When darkness finally crept silently upon them, they went down into the galley and Thomas lit the paraffin lamps.
‘You’ve gone red.’ Thomas pointed at her exposed shoulders in the warm glow of the light. The oily smell of paraffin was not unpleasant. Rather fitting, she thought as Thomas sat on the portside bench across from her. His arms were smudged with the efforts of the day, but she’d never seem him so relaxed and happy.
Their feet were only inches apart.
She turned her head to put her lips on the hot skin of one shoulder. ‘They do feel a bit prickly.’
But she found she didn’t care. Nothing could ruin the day.
Thomas dunked a cloth into a bowl of cold water and laid it across Emma’s left shoulder.
‘Oooosh.’ She winced before appreciating the sensation. She sat back and closed her eyes. ‘That’s really nice.’
Although her cotton bloomers and corset had dried fully, and it was warm inside the boat’s galley, goosebumps grew on her skin as trickles of cold water ran down her upper arm and dripped from her elbow onto her thigh.
She started to shiver.
Thomas retrieved a blanket and wrapped it round her. She wondered, not for the first time, where she was expected to sleep, and asked him about it.

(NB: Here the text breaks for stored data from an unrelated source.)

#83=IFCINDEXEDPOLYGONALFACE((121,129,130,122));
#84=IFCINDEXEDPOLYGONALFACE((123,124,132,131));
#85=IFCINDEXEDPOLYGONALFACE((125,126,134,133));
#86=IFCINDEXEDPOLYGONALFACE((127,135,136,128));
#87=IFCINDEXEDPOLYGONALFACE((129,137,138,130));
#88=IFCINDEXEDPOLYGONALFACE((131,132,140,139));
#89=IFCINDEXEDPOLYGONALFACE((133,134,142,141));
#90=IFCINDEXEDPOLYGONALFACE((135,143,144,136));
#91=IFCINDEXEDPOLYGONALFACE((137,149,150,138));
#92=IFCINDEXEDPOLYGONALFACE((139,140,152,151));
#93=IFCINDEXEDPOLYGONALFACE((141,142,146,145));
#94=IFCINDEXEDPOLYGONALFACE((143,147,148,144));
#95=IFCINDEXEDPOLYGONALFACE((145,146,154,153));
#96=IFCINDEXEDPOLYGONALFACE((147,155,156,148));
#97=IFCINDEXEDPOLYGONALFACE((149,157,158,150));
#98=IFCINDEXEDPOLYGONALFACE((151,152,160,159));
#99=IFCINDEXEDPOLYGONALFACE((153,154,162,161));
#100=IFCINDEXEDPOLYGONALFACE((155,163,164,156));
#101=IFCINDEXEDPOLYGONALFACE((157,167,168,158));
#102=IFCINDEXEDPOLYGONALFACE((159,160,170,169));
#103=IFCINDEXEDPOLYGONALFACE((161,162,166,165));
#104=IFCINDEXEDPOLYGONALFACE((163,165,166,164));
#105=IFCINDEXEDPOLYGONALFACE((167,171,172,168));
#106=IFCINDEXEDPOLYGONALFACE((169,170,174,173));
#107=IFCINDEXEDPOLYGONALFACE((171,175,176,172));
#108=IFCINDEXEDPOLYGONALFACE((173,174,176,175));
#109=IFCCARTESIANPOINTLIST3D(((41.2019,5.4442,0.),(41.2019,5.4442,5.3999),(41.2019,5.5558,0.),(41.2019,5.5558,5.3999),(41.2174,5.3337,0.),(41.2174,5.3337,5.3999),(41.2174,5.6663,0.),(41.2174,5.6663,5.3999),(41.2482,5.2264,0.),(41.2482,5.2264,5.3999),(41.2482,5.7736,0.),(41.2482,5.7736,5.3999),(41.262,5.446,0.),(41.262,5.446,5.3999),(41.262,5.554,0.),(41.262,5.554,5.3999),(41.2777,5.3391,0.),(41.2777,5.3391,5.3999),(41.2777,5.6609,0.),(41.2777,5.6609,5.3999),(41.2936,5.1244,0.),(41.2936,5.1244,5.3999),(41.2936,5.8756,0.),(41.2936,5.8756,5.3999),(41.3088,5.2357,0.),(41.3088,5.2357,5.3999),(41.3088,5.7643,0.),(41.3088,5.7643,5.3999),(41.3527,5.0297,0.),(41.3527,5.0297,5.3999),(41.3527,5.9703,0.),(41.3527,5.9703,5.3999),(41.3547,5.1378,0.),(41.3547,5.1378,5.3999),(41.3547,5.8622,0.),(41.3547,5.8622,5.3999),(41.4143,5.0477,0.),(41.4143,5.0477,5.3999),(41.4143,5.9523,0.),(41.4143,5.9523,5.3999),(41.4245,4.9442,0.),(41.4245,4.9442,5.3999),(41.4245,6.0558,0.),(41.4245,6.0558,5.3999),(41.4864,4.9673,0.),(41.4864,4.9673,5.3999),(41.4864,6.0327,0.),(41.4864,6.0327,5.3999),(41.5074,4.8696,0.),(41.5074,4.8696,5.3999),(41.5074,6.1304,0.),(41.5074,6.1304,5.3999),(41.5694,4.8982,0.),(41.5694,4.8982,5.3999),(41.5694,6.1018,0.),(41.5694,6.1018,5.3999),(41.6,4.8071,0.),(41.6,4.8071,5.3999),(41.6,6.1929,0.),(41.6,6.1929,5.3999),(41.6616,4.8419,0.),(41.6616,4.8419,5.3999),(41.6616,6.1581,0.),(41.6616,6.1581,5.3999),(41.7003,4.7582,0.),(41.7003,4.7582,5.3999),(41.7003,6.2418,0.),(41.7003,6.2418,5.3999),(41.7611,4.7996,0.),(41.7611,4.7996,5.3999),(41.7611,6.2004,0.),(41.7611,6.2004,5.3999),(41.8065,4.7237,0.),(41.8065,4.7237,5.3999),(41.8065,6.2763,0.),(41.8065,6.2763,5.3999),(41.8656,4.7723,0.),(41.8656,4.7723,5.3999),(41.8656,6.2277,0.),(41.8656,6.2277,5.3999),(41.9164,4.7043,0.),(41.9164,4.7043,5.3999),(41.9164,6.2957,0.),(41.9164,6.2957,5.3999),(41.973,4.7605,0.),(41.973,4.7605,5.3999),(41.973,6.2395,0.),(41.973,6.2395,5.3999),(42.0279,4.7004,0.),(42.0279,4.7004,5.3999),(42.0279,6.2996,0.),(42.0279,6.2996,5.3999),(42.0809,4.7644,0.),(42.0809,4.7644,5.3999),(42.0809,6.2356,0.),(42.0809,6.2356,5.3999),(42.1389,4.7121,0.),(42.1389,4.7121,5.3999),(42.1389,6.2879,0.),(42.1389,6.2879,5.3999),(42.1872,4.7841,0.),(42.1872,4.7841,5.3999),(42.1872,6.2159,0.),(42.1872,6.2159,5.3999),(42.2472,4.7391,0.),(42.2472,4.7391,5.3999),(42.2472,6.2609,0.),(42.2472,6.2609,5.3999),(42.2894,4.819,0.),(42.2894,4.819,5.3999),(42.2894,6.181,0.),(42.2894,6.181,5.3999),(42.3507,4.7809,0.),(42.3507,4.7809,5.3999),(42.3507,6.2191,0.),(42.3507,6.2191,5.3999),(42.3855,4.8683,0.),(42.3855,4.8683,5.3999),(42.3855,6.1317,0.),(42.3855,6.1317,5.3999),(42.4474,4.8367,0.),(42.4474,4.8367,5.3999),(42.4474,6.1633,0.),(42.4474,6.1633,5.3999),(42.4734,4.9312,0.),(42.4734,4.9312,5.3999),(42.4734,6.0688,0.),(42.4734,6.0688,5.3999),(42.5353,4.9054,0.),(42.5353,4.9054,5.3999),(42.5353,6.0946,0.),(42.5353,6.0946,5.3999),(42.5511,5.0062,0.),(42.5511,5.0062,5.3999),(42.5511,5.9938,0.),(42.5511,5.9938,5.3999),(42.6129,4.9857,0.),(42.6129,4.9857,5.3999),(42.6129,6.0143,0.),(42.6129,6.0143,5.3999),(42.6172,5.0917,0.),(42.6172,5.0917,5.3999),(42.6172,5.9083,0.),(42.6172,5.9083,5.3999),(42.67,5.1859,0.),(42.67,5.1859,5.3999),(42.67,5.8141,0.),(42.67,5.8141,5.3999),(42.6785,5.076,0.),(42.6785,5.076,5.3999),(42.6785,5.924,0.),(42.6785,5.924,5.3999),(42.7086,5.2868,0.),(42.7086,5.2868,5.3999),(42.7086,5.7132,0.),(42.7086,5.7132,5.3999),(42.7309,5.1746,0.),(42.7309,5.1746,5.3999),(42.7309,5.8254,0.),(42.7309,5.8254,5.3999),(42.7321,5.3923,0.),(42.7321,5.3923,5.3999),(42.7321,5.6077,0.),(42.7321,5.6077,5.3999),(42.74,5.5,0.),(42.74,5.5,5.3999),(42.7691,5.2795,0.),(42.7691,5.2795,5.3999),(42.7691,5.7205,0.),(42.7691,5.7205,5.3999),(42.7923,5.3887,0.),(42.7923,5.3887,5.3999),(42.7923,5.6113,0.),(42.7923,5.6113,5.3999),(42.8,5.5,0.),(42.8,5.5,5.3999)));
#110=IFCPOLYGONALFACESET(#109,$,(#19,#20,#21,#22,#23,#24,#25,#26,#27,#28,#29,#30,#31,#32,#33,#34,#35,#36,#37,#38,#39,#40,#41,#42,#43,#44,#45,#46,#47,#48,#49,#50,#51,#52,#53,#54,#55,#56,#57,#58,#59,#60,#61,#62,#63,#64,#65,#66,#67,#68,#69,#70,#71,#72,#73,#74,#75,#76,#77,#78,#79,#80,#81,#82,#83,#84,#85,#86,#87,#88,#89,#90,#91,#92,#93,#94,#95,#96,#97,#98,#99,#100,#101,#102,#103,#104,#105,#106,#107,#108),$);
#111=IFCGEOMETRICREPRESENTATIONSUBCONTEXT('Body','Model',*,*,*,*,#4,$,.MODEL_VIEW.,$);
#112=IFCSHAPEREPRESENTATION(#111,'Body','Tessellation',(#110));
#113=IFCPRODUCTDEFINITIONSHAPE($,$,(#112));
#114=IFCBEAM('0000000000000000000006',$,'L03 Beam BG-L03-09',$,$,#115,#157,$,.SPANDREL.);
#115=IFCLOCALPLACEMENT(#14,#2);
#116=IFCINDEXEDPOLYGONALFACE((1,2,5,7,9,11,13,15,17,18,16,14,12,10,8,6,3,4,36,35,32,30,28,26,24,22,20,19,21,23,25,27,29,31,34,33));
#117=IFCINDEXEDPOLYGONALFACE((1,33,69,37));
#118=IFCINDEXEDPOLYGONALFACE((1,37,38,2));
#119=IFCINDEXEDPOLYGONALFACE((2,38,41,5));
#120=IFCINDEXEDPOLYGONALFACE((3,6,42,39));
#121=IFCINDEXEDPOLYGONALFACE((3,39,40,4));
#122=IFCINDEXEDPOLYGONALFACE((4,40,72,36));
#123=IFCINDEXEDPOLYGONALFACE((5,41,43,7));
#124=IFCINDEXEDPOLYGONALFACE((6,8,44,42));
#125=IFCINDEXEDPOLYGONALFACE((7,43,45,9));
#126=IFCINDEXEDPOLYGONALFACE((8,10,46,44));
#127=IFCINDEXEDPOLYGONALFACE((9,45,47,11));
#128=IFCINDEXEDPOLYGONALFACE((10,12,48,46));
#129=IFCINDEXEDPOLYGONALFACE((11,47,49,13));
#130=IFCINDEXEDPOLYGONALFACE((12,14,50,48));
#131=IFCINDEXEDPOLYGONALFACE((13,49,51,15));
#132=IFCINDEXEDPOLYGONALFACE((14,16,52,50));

‘There’s a berth at the front there which you can have and I’ll…’ he indicated the floor and smiled, ‘roll that blanket into some sort of mattress.’
‘Now I feel awful,’ Emma protested.
‘You don’t need to. Honestly, I’ll be fine.’

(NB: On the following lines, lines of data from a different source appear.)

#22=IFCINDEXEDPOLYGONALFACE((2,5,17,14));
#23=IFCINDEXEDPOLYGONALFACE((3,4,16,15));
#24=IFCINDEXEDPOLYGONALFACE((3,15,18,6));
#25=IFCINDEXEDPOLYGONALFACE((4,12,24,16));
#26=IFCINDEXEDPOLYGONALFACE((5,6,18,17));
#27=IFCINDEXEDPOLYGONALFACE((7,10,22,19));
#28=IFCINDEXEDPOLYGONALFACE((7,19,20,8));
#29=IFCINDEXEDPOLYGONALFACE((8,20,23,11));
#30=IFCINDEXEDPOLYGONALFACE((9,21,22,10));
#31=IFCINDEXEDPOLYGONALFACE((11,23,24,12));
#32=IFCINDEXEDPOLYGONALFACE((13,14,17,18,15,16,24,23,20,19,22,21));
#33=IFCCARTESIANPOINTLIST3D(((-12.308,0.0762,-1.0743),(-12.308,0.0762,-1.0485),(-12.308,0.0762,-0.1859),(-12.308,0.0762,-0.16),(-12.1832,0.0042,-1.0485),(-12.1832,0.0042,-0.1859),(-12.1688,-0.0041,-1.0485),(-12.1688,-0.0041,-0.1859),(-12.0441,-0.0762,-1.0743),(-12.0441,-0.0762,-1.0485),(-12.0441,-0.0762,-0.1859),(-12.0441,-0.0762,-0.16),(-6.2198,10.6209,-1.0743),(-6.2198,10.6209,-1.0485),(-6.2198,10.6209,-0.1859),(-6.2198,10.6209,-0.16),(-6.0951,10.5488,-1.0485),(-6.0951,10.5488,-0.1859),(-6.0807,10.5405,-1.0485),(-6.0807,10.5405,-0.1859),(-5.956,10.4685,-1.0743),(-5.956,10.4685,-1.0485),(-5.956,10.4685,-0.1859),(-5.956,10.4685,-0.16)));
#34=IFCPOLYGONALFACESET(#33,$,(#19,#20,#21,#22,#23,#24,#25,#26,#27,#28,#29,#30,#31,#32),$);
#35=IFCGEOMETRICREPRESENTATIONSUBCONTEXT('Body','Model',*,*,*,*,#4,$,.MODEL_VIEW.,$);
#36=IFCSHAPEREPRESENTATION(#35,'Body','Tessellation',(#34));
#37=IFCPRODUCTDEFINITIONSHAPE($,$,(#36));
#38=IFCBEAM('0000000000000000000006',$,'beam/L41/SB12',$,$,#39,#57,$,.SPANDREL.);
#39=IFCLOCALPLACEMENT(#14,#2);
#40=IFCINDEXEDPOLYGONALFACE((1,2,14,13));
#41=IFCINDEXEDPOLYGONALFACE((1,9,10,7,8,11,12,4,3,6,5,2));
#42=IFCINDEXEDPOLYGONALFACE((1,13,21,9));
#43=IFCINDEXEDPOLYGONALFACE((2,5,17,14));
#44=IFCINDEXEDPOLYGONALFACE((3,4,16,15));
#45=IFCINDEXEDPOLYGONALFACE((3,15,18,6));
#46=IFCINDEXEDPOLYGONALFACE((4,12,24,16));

There was nothing more she could say so instead elected to enjoy the gentle movement of the boat and the close proximity of Thomas’s knees against her own. It was easy to pretend they were the only people alive. For those first few months, he’d been no more than a guide and the owner of the hotel where she was staying. But since the summer, he’d become a friend and someone who really cared about what she was doing.
There was something magical about being out on the water, away from reality. She could pretend things were different here, and as he moved around the galley, bending and stretching to reach cupboards, the desire to pretend grew stronger. She squeezed her hands together in her lap, fighting the overwhelming desire to touch his face, his shoulders, his chest, to feel the shape of his arms on the palms of her hands. She wondered what kissing him might feel like, whether his moustache would tickle her and whether she would search out his tongue like Martina had told her she should do one day.
‘Want to share this beer?’
They looked at the bottle Patrick had left on a shelf.
‘I don’t think I should,’ she said.
‘Why’s that?’
She didn’t answer.
‘I’m sorry to have put you in a difficult position. I know it was selfish of me to want you to come, but I thought you would enjoy it. And you have.’
She watched his hand splayed over his thigh and resisted the urge to place her own hand on top.
‘I’ve loved it,’ she whispered.
He opened the beer and took a swig.
She pulled the blanket more tightly around her, stood and walked to the doorway that led to the cabin, hoping he couldn’t hear her heart hammering inside her chest. ‘Right. Well, I’ll turn in for the night and leave you your space.’
‘Goodnight, Emma,’ Thomas said, and she looked back.
Her shoulders were burning again. ‘Could you do the cold-water thing one more time, please?’
She was shocked to find herself walking towards him and not away to the privacy of the cramped room in the bow of the boat.
Thomas obliged and she waited once more for the water to trickle down her arm. She shivered, but not from the cold, and stared into his eyes. His return gaze didn’t falter.
This was trouble and she’d caused it. She should turn around and walk away.
He lowered his head a little and paused. Instinct found her reaching round the back of his head to pull his face closer. She inhaled before his lips met her own. They were warm and when he pulled away, she kept her eyes closed in the hope it hadn’t simply been her imagination. He kissed her again.
She let him tilt her head back and gave in to the passion which surged through her. Her tongue knew what to do and as her body responded, she wasn’t sure whose moan of pleasure passed between them.
‘This is wrong of me, so very wrong. We should stop,’ he whispered into her ear.
‘But how can something so wrong, feel so right?’ She pulled him closer still.